OReole-FM: successes and challenges toward billion-parameter foundation models for high-resolution satellite imagery

Philipe Dias,Aristeidis Tsaris,Jordan Bowman,Abhishek Potnis,Jacob Arndt,H. Lexie Yang,Dalton Lunga
DOI: https://doi.org/10.1145/3678717.3691292
2024-10-26
Abstract:While the pretraining of Foundation Models (FMs) for remote sensing (RS) imagery is on the rise, models remain restricted to a few hundred million parameters. Scaling models to billions of parameters has been shown to yield unprecedented benefits including emergent abilities, but requires data scaling and computing resources typically not available outside industry R&D labs. In this work, we pair high-performance computing resources including Frontier supercomputer, America's first exascale system, and high-resolution optical RS data to pretrain billion-scale FMs. Our study assesses performance of different pretrained variants of vision Transformers across image classification, semantic segmentation and object detection benchmarks, which highlight the importance of data scaling for effective model scaling. Moreover, we discuss construction of a novel TIU pretraining dataset, model initialization, with data and pretrained models intended for public release. By discussing technical challenges and details often lacking in the related literature, this work is intended to offer best practices to the geospatial community toward efficient training and benchmarking of larger FMs.
Computer Vision and Pattern Recognition,Artificial Intelligence,Distributed, Parallel, and Cluster Computing
What problem does this paper attempt to address?
The problems that this paper attempts to solve mainly focus on the following aspects: 1. **Application of large - scale models on remote sensing images**: Currently, the number of parameters in basic remote - sensing - image models (FMs) is usually limited to within a few hundred million parameters, while large - scale models (such as models with billions of parameters) have already shown significant advantages in the fields of natural - language processing and computer vision, including emergent abilities. Therefore, the paper aims to explore how to apply these advantages to the analysis of high - resolution satellite images. 2. **Challenges of data and computing resources**: Training large - scale models requires a large amount of data and high - performance computing resources, which are usually difficult to obtain in academia.
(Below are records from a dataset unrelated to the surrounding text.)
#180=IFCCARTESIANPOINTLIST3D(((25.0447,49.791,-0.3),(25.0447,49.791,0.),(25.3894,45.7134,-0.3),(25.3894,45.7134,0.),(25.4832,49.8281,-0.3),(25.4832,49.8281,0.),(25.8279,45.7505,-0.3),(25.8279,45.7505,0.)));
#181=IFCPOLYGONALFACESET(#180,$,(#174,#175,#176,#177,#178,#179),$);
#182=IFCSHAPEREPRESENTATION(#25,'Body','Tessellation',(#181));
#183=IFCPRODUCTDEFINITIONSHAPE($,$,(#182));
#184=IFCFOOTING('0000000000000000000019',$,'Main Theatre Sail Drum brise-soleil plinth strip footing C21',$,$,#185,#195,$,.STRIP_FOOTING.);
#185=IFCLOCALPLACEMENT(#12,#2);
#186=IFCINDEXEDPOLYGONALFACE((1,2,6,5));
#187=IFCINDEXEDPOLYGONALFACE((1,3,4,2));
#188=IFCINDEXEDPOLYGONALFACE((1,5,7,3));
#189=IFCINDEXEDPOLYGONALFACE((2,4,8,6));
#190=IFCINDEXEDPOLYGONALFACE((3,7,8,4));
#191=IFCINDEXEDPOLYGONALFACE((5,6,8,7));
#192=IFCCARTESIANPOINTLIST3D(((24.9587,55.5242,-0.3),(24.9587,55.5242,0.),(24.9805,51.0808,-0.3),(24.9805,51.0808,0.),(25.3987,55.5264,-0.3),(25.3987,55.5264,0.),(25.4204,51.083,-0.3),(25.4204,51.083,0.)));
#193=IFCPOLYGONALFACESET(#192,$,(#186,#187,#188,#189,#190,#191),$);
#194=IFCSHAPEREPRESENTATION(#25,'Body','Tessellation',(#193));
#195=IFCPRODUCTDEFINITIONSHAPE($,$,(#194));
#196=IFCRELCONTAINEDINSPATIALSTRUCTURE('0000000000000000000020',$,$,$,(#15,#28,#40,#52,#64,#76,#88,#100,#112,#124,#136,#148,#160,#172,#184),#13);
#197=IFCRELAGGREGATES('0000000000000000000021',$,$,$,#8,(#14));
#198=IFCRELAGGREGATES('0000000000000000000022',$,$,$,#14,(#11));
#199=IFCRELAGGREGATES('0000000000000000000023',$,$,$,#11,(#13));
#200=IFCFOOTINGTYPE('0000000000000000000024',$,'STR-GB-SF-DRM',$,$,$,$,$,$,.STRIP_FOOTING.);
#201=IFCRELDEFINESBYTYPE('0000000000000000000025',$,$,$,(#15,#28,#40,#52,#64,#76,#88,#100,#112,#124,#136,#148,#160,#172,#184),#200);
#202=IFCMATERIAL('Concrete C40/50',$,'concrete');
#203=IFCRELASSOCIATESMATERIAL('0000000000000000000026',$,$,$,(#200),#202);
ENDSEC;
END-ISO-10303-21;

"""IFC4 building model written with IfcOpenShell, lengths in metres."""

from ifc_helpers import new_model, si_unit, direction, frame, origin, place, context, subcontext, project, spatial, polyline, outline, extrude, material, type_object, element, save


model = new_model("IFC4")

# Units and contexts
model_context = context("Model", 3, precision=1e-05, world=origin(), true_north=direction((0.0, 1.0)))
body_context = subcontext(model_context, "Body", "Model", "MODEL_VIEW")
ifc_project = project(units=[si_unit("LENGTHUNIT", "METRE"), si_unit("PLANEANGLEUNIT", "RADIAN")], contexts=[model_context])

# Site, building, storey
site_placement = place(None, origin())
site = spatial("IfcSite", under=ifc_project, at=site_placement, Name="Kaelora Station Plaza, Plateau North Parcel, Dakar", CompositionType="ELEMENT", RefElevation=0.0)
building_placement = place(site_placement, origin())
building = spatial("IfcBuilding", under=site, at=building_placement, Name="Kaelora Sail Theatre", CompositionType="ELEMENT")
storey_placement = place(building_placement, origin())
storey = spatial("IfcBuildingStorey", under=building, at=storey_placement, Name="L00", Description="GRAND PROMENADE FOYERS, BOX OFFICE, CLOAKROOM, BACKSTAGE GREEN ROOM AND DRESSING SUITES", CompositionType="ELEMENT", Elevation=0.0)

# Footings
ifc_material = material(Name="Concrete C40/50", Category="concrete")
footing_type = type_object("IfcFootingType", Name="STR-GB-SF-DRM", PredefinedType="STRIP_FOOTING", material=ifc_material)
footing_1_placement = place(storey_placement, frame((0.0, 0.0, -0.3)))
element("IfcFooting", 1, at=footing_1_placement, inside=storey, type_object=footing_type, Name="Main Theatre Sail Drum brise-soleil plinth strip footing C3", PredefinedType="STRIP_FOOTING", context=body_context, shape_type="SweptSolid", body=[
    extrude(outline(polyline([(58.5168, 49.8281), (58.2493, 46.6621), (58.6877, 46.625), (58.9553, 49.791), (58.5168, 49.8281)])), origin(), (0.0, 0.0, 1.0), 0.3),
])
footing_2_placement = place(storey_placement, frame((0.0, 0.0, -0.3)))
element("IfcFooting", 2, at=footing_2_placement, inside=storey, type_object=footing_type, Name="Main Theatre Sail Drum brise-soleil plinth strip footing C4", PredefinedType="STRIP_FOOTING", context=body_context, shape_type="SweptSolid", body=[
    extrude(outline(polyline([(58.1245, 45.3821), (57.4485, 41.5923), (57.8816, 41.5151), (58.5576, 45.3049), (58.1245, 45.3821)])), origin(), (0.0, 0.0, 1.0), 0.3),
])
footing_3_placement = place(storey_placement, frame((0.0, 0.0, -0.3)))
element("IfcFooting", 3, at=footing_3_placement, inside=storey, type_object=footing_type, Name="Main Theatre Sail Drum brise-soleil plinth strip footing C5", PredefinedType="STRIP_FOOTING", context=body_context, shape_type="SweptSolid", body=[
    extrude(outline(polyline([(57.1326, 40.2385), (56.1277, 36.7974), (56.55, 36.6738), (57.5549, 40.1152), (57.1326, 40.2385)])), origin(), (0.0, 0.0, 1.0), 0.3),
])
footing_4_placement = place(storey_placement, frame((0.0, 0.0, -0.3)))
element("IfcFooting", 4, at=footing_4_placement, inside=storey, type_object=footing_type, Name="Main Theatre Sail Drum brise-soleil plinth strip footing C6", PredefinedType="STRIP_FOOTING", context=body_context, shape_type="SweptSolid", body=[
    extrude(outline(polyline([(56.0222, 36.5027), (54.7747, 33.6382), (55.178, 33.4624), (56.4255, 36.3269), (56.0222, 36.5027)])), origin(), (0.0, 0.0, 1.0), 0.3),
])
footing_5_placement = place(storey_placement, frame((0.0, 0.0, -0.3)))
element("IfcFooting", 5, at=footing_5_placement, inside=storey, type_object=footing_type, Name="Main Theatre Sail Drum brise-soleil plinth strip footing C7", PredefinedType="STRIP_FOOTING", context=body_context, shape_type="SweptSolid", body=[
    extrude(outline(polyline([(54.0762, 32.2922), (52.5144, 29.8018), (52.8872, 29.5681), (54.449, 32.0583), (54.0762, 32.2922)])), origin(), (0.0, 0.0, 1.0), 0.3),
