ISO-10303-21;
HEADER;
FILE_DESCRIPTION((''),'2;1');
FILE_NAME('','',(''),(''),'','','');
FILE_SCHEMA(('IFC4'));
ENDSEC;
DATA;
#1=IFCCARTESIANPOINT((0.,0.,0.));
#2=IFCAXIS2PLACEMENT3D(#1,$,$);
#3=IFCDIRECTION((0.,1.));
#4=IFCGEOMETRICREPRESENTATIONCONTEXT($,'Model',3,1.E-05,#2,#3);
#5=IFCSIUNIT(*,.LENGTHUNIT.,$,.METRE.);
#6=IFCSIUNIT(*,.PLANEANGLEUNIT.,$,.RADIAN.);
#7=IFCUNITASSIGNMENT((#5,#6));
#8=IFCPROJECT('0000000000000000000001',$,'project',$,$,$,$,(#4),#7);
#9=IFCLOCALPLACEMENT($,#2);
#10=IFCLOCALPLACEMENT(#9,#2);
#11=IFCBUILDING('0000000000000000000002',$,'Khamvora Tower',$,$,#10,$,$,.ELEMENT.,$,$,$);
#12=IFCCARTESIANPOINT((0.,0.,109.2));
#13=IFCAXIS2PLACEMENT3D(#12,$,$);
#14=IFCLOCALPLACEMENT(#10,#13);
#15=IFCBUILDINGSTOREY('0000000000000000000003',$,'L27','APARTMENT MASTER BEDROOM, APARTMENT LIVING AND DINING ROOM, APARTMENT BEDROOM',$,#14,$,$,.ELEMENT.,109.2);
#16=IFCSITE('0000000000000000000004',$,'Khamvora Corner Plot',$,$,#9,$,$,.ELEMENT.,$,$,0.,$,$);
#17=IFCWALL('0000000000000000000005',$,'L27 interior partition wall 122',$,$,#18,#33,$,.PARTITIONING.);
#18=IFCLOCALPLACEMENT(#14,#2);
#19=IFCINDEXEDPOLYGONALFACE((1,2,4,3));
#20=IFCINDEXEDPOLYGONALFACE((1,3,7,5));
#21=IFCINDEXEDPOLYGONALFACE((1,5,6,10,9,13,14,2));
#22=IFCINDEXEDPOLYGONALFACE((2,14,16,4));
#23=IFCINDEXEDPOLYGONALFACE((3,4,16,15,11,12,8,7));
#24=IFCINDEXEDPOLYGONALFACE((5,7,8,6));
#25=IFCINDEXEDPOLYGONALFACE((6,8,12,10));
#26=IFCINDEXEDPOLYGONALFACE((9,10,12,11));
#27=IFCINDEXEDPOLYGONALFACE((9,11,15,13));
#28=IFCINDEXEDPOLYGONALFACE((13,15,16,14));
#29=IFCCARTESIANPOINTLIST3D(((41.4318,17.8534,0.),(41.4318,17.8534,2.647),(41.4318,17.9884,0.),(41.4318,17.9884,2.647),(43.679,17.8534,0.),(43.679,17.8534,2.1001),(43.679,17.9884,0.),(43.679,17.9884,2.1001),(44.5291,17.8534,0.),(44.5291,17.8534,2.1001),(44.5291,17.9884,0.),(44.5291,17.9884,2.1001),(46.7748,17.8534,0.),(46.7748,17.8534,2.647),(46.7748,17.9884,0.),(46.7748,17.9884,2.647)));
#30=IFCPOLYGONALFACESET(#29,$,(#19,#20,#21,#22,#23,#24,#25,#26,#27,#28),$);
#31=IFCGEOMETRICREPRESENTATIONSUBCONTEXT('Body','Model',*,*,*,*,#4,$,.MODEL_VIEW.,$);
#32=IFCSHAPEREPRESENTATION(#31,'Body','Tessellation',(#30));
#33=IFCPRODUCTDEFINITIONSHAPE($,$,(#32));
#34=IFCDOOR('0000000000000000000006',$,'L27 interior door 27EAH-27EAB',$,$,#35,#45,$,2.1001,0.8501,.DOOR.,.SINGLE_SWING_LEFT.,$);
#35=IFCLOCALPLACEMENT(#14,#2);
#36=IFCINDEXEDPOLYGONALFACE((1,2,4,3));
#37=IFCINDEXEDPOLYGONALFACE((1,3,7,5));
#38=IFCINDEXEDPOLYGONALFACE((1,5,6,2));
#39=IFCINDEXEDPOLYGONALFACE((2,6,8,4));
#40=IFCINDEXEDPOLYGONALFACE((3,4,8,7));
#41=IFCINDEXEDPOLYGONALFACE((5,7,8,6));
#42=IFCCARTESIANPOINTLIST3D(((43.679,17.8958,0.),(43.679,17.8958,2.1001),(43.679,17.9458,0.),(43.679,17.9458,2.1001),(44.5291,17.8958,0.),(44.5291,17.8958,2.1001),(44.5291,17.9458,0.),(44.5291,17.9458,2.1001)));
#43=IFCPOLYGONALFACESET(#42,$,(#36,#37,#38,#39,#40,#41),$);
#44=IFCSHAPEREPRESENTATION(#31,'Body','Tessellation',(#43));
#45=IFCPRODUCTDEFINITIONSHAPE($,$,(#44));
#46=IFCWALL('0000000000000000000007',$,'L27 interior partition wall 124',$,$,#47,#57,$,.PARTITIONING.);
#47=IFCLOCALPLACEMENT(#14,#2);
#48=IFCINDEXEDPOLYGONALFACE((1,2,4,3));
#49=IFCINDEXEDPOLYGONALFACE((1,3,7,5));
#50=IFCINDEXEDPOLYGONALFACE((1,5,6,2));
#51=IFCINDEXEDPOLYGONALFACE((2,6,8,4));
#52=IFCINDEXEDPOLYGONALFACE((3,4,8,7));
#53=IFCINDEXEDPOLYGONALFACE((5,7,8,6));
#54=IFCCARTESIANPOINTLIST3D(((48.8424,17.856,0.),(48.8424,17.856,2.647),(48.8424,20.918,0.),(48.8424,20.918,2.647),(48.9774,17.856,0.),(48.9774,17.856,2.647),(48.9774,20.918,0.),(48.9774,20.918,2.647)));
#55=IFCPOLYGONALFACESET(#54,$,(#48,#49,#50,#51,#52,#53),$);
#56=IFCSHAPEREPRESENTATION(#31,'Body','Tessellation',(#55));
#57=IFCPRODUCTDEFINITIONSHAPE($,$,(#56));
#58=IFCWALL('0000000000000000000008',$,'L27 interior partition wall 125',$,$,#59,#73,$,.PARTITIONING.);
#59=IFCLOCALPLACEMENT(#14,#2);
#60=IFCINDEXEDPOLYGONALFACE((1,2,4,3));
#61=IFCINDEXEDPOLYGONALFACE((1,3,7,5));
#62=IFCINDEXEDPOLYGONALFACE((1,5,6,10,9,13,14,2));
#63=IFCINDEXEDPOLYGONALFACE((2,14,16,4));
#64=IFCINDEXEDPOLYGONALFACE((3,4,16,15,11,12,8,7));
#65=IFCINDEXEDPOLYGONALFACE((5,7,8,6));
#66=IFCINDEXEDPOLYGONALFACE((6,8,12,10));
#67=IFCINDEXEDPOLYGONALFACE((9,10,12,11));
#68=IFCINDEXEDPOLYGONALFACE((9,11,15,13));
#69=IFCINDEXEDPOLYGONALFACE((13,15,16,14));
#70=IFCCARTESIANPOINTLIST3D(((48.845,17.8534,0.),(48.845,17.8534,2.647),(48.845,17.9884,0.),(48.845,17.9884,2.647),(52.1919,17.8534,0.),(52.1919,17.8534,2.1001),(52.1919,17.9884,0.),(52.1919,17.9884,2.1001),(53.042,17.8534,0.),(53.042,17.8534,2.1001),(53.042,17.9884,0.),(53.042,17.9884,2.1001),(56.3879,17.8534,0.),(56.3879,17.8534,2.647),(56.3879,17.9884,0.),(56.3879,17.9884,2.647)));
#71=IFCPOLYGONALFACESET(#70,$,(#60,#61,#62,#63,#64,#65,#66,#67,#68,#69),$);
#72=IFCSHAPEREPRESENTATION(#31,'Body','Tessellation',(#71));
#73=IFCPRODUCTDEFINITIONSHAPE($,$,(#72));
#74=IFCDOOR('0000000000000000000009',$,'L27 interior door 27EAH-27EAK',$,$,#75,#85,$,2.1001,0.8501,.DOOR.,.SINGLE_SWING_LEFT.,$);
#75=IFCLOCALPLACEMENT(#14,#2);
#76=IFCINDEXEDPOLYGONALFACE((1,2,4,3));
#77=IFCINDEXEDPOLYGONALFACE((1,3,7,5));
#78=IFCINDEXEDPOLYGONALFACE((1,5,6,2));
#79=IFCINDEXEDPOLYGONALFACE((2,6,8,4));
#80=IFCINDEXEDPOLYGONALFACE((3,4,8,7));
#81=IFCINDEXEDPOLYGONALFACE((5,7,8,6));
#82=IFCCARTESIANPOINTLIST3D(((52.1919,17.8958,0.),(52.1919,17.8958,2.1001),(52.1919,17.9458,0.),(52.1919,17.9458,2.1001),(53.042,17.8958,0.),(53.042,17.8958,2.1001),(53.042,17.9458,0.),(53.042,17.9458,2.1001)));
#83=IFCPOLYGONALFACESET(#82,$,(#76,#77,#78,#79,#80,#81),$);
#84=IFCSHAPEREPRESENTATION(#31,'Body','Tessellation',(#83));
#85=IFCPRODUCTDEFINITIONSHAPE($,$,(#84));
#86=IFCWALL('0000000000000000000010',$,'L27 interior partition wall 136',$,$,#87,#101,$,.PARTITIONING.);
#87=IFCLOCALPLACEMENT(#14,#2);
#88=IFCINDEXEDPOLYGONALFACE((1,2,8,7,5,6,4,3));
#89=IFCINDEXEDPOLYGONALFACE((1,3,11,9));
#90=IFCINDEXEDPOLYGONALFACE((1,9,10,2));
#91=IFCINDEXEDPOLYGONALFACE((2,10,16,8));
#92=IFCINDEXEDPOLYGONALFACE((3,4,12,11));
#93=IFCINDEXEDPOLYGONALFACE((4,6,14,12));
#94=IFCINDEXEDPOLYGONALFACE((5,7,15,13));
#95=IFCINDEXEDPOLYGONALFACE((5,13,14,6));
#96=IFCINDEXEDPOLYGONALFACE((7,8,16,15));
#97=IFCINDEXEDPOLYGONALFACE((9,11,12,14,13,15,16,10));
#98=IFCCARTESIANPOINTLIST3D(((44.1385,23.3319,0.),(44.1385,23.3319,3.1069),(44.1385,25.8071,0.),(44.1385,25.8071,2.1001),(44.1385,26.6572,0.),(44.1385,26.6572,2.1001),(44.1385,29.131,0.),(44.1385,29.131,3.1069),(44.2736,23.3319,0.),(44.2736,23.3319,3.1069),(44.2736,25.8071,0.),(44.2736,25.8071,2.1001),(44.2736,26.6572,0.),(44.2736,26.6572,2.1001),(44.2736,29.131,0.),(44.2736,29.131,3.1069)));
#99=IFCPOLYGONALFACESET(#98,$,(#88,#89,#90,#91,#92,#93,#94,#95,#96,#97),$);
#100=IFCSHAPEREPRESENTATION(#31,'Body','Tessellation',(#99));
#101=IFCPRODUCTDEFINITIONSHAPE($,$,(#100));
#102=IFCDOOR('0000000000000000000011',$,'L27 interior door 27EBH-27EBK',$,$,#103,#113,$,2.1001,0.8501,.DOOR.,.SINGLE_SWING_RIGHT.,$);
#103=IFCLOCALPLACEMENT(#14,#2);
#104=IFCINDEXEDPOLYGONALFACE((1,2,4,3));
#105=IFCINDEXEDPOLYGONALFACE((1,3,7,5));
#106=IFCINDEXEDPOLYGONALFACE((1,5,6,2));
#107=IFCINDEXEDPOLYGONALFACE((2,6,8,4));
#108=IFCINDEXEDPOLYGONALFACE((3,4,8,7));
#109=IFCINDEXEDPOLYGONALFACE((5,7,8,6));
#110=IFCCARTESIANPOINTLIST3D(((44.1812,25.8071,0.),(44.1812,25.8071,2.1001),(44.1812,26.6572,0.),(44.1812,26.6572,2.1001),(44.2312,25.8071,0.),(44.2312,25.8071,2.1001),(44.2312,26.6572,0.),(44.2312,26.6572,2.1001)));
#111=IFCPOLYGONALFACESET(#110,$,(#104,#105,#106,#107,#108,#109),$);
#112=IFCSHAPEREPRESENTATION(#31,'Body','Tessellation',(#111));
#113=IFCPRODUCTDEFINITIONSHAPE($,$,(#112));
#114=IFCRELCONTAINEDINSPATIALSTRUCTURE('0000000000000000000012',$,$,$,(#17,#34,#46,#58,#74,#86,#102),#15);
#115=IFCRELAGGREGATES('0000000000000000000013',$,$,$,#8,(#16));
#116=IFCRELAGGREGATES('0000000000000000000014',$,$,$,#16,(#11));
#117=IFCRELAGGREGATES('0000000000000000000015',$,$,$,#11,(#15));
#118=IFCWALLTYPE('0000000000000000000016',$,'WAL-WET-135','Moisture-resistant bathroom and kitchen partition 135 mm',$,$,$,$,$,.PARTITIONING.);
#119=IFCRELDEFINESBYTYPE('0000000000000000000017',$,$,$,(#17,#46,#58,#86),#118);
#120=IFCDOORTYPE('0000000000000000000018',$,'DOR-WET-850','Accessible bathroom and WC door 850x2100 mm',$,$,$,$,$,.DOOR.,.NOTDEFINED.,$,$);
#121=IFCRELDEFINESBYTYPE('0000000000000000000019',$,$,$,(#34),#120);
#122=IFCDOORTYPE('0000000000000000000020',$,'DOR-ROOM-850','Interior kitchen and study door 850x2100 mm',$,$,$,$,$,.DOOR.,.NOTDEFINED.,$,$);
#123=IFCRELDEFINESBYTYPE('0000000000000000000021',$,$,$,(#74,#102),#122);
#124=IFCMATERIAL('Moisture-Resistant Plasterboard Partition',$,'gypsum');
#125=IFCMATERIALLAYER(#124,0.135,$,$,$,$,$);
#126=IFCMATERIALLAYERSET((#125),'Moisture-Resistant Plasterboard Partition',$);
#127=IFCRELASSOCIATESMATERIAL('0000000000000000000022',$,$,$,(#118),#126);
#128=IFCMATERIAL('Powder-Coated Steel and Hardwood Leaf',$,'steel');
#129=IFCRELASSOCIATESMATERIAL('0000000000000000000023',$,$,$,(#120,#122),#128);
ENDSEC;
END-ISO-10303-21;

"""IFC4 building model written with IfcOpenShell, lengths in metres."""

from ifc_helpers import new_model, si_unit, direction, frame, frame_2d, origin, place, context, subcontext, project, spatial, rectangle, extrude, material, layer, layer_set, type_object, element, fill, save


model = new_model("IFC4")

# Units and contexts
model_context = context("Model", 3, precision=1e-05, world=origin(), true_north=direction((0.0, 1.0)))
body_context = subcontext(model_context, "Body", "Model", "MODEL_VIEW")
ifc_project = project(units=[si_unit("LENGTHUNIT", "METRE"), si_unit("PLANEANGLEUNIT", "RADIAN")], contexts=[model_context])

# Site, building, storey
site_placement = place(None, origin())
site = spatial("IfcSite", under=ifc_project, at=site_placement, Name="Khamvora Corner Plot", CompositionType="ELEMENT", RefElevation=0.0)
building_placement = place(site_placement, origin())
building = spatial("IfcBuilding", under=site, at=building_placement, Name="Khamvora Tower", CompositionType="ELEMENT")
storey_placement = place(building_placement, frame((0.0, 0.0, 109.2)))
storey = spatial("IfcBuildingStorey", under=building, at=storey_placement, Name="L27", Description="APARTMENT MASTER BEDROOM, APARTMENT LIVING AND DINING ROOM, APARTMENT BEDROOM", CompositionType="ELEMENT", Elevation=109.2)

# Shared definitions
ifc_material_1 = material(Name="Powder-Coated Steel and Hardwood Leaf", Category="steel")

# Wall, opening, door
ifc_material_2 = material(Name="Moisture-Resistant Plasterboard Partition", Category="gypsum")
ifc_layer_1 = layer(ifc_material_2, 0.135)
ifc_layer_set_1 = layer_set([ifc_layer_1], Name="Moisture-Resistant Plasterboard Partition")
wall_type_1 = type_object("IfcWallType", Name="WAL-WET-135", Description="Moisture-resistant bathroom and kitchen partition 135 mm", PredefinedType="PARTITIONING", material=ifc_layer_set_1)
wall_1_placement = place(storey_placement, frame((41.4319, 17.9209, 0.0), z_axis=(0.0, 0.0, 1.0), x_axis=(1.0, 0.0, 0.0)))
wall_1 = element("IfcWall", 1, at=wall_1_placement, inside=storey, type_object=wall_type_1, Name="L27 interior partition wall 122", PredefinedType="PARTITIONING", context=body_context, shape_type="SweptSolid", body=[
    extrude(rectangle(XDim=5.343, YDim=0.135, at=frame_2d((2.6714, 0.0))), origin(), (0.0, 0.0, 1.0), 2.647),
])
opening_1_placement = place(wall_1_placement, frame((2.2471, 0.0, 0.0)))
opening_1 = element("IfcOpeningElement", 2, at=opening_1_placement, cuts=wall_1, PredefinedType="OPENING", context=body_context, shape_type="SweptSolid", body=[
    extrude(rectangle(XDim=0.8501, YDim=2.1001, at=frame_2d((0.425, 1.05))), frame((0.0, 0.0774, 0.0), z_axis=(0.0, -1.0, 0.0), x_axis=(1.0, 0.0, 0.0)), (0.0, 0.0, 1.0), 0.155),
])
door_type_1 = type_object("IfcDoorType", Name="DOR-WET-850", Description="Accessible bathroom and WC door 850x2100 mm", OperationType="NOTDEFINED", PredefinedType="DOOR", material=ifc_material_1)
door_1_placement = place(opening_1_placement, origin())
door_1 = element("IfcDoor", 3, at=door_1_placement, inside=storey, type_object=door_type_1, Name="L27 interior door 27EAH-27EAB", OperationType="SINGLE_SWING_LEFT", OverallHeight=2.1001, OverallWidth=0.8501, PredefinedType="DOOR", context=body_context, shape_type="SweptSolid", body=[
    extrude(rectangle(XDim=0.8501, YDim=2.1001, at=frame_2d((0.425, 1.05))), frame((0.0, 0.0249, 0.0), z_axis=(0.0, -1.0, 0.0), x_axis=(1.0, 0.0, 0.0)), (0.0, 0.0, 1.0), 0.05),
])
fill(opening_1, door_1)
By using Frontier, the first exascale supercomputer in the United States, the paper explores how to overcome these challenges and provides effective practical methods. 3. **Model architecture and pre - training strategies**: The paper introduces several Vision Transformer (ViT) variants of different sizes and evaluates their performance in tasks such as image classification, semantic segmentation, and object detection. In addition, the paper also discusses technical details in aspects such as model initialization, dataset construction, and pre - training strategies. 4. **Model generalization ability and label efficiency**: An important advantage of large - scale models is their generalization ability across different tasks and the reduced need for labeled data. The paper verifies these advantages through experiments and discusses how to further improve the model's generalization ability and label efficiency. 5. **Challenges of standardized benchmark testing**: The paper points out that many existing studies lack detailed information on reproducibility, especially in the evaluation of downstream tasks. Therefore, the paper emphasizes the importance of establishing standardized benchmark testing and puts forward some specific suggestions. In summary, the main purpose of this paper is to explore the application potential of large - scale models in high - resolution satellite - image analysis through their training and evaluation, and to provide relevant technical details and best practices to promote the further development of this field.